My indoor layout, now dismantled, was 10x20, benchwork was 1x4s and a plywood deck and was more than sufficient to take me standing on it. I would suggest keeping it low enough to be convenient to work on, mine was 40" high, 48" to me seams maximum without having real issues putting in scenery, picking up a heavy engine or doing track especially away from the edge. For access to the center aisle I would use a hinged lift-out section instead of a duck under. The lift out can be a bridge or just a 2x6 with track on top. Hillmanns and Split-jaw both have railjoiners specificly for lift-out sections, this is far more convenient than bending your back into a pretzle.


----------



## kormsen (Oct 27, 2009)

exactly, George. that's why i posted it here. 

victor, he mentioned, that his father does not want something hinged, and is too old for a duck-under.
so it's either a shuttle line, or a dogbone.


----------



## Randy Stone (Jan 2, 2008)

Hi Blk


Another thing to think about might be whether or not you father might end up using a wheel chair, a walker with a seat or just need to sit. While 36-42 or more inches in height works great when you're standing, your father won't be able to see much if he needs to operate the trains from a sitting position. A 30" table height might be a good compromise.

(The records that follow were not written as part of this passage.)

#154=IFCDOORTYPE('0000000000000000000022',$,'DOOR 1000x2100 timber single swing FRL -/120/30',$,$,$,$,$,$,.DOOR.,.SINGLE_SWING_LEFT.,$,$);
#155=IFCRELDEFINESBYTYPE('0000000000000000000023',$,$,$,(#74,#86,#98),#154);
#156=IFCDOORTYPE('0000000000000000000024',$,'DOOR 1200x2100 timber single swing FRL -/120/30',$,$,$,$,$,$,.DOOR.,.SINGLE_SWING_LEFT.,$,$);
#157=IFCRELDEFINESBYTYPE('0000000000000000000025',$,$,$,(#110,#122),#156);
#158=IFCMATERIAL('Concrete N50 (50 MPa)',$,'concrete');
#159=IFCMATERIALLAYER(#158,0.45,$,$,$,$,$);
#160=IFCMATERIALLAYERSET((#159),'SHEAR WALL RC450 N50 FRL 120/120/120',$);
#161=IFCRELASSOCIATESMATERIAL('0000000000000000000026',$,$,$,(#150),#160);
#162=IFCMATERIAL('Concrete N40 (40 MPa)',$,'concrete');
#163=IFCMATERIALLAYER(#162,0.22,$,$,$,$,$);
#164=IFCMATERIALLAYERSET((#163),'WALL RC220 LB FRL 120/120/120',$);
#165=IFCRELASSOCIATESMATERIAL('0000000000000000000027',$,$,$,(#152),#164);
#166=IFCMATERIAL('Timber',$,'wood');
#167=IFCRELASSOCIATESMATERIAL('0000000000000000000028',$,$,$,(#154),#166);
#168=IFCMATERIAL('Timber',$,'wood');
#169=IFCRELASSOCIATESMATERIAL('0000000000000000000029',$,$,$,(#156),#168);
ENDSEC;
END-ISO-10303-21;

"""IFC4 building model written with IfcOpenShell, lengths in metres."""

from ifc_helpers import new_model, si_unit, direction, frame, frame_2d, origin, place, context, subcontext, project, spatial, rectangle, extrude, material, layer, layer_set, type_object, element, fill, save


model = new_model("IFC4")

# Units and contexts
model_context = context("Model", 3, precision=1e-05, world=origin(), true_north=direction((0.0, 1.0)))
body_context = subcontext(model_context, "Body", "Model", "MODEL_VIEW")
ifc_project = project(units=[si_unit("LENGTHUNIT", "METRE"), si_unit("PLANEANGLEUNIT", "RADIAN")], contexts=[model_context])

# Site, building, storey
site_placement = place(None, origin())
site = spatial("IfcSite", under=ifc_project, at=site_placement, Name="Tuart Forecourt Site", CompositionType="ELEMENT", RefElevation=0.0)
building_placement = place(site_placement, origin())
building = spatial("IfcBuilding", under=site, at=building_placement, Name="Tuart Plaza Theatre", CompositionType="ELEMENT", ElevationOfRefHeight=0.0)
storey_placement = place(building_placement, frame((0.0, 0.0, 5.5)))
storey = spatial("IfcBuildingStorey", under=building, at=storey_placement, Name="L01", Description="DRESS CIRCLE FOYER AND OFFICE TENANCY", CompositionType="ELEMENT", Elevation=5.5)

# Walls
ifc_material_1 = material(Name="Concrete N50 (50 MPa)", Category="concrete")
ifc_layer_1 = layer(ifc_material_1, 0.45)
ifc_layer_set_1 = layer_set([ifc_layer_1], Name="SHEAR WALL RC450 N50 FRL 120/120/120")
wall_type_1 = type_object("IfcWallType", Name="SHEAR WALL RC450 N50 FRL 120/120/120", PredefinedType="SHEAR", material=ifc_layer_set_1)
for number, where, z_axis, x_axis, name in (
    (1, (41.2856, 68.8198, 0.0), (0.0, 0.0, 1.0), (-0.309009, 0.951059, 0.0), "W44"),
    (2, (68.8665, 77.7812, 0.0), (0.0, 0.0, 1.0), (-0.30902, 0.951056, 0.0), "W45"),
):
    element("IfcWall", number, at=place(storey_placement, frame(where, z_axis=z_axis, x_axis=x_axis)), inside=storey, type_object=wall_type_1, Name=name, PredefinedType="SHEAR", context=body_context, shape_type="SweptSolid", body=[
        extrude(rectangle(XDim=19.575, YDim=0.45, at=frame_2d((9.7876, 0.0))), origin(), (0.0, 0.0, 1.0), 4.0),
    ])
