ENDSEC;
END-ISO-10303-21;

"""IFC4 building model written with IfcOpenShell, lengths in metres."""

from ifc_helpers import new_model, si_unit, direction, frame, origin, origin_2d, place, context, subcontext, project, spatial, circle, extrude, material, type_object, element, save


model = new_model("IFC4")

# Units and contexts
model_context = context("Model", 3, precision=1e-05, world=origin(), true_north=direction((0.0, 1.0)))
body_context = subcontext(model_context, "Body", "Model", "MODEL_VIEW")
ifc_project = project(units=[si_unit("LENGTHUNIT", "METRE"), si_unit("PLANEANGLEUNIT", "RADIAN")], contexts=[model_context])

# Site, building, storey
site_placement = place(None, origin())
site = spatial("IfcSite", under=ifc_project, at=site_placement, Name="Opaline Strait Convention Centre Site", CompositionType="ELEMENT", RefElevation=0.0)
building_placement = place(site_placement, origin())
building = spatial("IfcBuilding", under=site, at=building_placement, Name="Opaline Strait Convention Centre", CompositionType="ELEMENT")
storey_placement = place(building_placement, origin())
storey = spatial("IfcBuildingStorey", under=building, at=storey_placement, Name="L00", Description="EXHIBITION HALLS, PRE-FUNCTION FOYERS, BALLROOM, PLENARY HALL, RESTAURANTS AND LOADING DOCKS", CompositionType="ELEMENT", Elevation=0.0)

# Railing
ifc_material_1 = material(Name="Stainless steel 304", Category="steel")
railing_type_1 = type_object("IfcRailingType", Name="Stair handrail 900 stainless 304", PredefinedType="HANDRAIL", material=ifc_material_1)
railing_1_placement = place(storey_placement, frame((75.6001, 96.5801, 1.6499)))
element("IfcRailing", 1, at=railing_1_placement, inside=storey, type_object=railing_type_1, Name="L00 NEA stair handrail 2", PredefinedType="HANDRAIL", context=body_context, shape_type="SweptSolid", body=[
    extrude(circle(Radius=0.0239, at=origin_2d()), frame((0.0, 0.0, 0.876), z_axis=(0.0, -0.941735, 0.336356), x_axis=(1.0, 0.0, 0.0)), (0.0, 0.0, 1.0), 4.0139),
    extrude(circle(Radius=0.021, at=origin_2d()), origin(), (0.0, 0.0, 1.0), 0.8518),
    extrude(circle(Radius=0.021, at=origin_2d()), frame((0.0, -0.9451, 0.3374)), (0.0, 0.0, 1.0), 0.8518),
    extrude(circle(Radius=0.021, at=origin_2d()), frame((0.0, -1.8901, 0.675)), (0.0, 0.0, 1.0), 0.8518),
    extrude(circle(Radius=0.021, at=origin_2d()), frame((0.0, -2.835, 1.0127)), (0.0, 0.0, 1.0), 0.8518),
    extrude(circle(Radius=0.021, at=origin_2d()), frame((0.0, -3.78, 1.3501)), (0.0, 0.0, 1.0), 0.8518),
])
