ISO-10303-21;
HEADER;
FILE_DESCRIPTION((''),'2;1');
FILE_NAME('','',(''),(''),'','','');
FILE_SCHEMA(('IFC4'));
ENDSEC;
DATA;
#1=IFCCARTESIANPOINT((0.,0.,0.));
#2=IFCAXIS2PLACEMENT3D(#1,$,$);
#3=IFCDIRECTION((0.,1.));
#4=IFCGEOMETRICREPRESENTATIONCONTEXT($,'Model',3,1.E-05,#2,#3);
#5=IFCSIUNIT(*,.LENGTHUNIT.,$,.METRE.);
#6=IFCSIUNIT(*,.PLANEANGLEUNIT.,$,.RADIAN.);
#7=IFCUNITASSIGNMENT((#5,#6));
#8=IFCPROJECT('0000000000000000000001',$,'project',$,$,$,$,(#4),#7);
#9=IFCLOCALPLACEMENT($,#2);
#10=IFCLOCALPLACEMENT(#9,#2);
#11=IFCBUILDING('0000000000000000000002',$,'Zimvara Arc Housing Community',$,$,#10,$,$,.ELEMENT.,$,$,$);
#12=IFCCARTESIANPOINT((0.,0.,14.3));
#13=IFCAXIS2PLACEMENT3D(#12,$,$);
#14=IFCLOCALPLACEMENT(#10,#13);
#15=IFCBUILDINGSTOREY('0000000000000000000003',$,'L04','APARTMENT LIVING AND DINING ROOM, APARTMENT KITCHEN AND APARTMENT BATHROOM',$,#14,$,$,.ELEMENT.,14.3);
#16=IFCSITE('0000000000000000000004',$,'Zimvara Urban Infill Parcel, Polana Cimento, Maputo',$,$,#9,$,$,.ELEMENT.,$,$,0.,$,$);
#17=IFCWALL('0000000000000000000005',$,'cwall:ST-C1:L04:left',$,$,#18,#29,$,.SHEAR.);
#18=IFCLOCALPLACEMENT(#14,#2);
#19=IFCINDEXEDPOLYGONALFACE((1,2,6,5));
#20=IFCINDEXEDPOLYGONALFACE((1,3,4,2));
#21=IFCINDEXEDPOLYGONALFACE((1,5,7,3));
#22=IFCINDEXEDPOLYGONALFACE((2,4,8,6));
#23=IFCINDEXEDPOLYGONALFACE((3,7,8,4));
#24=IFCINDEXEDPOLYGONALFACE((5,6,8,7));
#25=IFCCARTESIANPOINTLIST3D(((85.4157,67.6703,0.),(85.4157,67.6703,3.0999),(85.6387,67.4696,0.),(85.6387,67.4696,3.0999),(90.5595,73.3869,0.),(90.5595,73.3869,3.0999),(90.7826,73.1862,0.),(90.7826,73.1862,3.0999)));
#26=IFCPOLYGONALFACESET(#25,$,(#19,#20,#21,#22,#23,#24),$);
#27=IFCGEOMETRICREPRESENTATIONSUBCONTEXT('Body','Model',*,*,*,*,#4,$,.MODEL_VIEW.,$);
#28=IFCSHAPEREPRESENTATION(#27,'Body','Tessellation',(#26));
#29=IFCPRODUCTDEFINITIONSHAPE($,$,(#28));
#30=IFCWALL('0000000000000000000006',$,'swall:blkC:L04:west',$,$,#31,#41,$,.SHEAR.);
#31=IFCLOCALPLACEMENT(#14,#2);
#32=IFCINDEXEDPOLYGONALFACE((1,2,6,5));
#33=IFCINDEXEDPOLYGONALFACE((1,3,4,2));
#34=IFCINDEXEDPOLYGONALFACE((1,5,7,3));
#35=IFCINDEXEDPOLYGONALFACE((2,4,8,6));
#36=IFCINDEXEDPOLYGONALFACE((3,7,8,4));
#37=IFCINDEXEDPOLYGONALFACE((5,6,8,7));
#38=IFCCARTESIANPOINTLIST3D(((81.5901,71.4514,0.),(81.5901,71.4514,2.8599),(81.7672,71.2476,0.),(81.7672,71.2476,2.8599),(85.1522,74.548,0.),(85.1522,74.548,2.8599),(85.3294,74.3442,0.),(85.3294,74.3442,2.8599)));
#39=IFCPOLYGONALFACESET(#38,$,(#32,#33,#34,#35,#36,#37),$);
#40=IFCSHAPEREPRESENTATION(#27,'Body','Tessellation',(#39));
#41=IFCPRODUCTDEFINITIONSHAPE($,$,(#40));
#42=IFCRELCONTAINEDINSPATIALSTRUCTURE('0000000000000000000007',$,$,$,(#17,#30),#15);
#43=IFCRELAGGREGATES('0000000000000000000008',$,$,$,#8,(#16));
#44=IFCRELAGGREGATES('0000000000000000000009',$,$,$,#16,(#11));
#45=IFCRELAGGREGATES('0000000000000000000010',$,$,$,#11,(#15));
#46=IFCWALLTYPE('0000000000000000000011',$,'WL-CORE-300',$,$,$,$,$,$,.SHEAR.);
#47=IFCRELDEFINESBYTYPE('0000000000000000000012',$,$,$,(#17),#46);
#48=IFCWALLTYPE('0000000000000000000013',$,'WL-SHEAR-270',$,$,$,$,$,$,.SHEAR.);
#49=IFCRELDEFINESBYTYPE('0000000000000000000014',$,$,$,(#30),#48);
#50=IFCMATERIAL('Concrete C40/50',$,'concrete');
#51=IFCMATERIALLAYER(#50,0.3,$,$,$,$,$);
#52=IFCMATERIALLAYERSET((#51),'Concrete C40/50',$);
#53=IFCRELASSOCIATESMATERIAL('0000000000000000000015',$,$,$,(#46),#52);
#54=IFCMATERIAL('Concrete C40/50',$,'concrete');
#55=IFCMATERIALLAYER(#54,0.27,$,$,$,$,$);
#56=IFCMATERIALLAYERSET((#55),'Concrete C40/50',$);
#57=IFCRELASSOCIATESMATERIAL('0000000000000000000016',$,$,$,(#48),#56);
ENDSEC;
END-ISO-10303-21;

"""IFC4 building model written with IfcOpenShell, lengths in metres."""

from ifc_helpers import new_model, si_unit, direction, frame, frame_2d, origin, place, context, subcontext, project, spatial, rectangle, extrude, material, layer, layer_set, type_object, element, save


model = new_model("IFC4")

# Units and contexts
model_context = context("Model", 3, precision=1e-05, world=origin(), true_north=direction((0.0, 1.0)))
body_context = subcontext(model_context, "Body", "Model", "MODEL_VIEW")
ifc_project = project(units=[si_unit("LENGTHUNIT", "METRE"), si_unit("PLANEANGLEUNIT", "RADIAN")], contexts=[model_context])

# Site, building, storey
site_placement = place(None, origin())
site = spatial("IfcSite", under=ifc_project, at=site_placement, Name="Zimvara Urban Infill Parcel, Polana Cimento, Maputo", CompositionType="ELEMENT", RefElevation=0.0)
building_placement = place(site_placement, origin())
building = spatial("IfcBuilding", under=site, at=building_placement, Name="Zimvara Arc Housing Community", CompositionType="ELEMENT")
storey_placement = place(building_placement, frame((0.0, 0.0, 14.3)))
storey = spatial("IfcBuildingStorey", under=building, at=storey_placement, Name="L04", Description="APARTMENT LIVING AND DINING ROOM, APARTMENT KITCHEN AND APARTMENT BATHROOM", CompositionType="ELEMENT", Elevation=14.3)

# Shared definitions
ifc_material_1 = material(Name="Concrete C40/50", Category="concrete")
ifc_layer_1 = layer(ifc_material_1, 0.3)
ifc_layer_set_1 = layer_set([ifc_layer_1], Name="Concrete C40/50")
wall_type_1 = type_object("IfcWallType", Name="WL-CORE-300", PredefinedType="SHEAR", material=ifc_layer_set_1)

# Walls
wall_1_placement = place(storey_placement, frame((90.6711, 73.2866, 0.0), z_axis=(0.0, 0.0, 1.0), x_axis=(-0.668886, -0.743365, 0.0)))
element("IfcWall", 1, at=wall_1_placement, inside=storey, type_object=wall_type_1, Name="cwall:ST-C1:L04:left", PredefinedType="SHEAR", context=body_context, shape_type="SweptSolid", body=[
    extrude(rectangle(XDim=7.6902, YDim=0.3, at=frame_2d((3.8452, 0.0))), origin(), (0.0, 0.0, 1.0), 3.0999),
])
ifc_material_2 = material(Name="Concrete C40/50", Category="concrete")
ifc_layer_2 = layer(ifc_material_2, 0.27)
ifc_layer_set_2 = layer_set([ifc_layer_2], Name="Concrete C40/50")
wall_type_2 = type_object("IfcWallType", Name="WL-SHEAR-270", PredefinedType="SHEAR", material=ifc_layer_set_2)
wall_2_placement = place(storey_placement, frame((85.2407, 74.446, 0.0), z_axis=(0.0, 0.0, 1.0), x_axis=(-0.754704, -0.656066, 0.0)))
element("IfcWall", 2, at=wall_2_placement, inside=storey, type_object=wall_type_2, Name="swall:blkC:L04:west", PredefinedType="SHEAR", context=body_context, shape_type="SweptSolid", body=[
    extrude(rectangle(XDim=4.72, YDim=0.27, at=frame_2d((2.3599, 0.0))), origin(), (0.0, 0.0, 1.0), 2.8599),
])

save(model, "model.ifc")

Good Luck with this project and keep us posted as you go.


Randy


----------



## Blk69 (Dec 6, 2009)

I know those of you with older father will find this hard to believe, but mine has changed his mind. He now wants to build a layout in a 19 X 15 room. His basement has around 9' ceilings and he want to build the layout at around 5.5' above the floor. He wants to build a 2' elvated platform all the way around the room and a small 3' X 4 platform in the center of the layout (all these platforms would be at a 2' elevation). This will allow him access all the way around the layout (he standing on a 2' platform so the layout is around 40") and access to the center. He would slightly duck to get under the layout and pop up in the center. He will have about 4' of layout to duck under before he pop up. He has had my mom measure his height several times to get the exact heigh of the track (minimize the duck height as possible). I think it is going to be a real head knocker!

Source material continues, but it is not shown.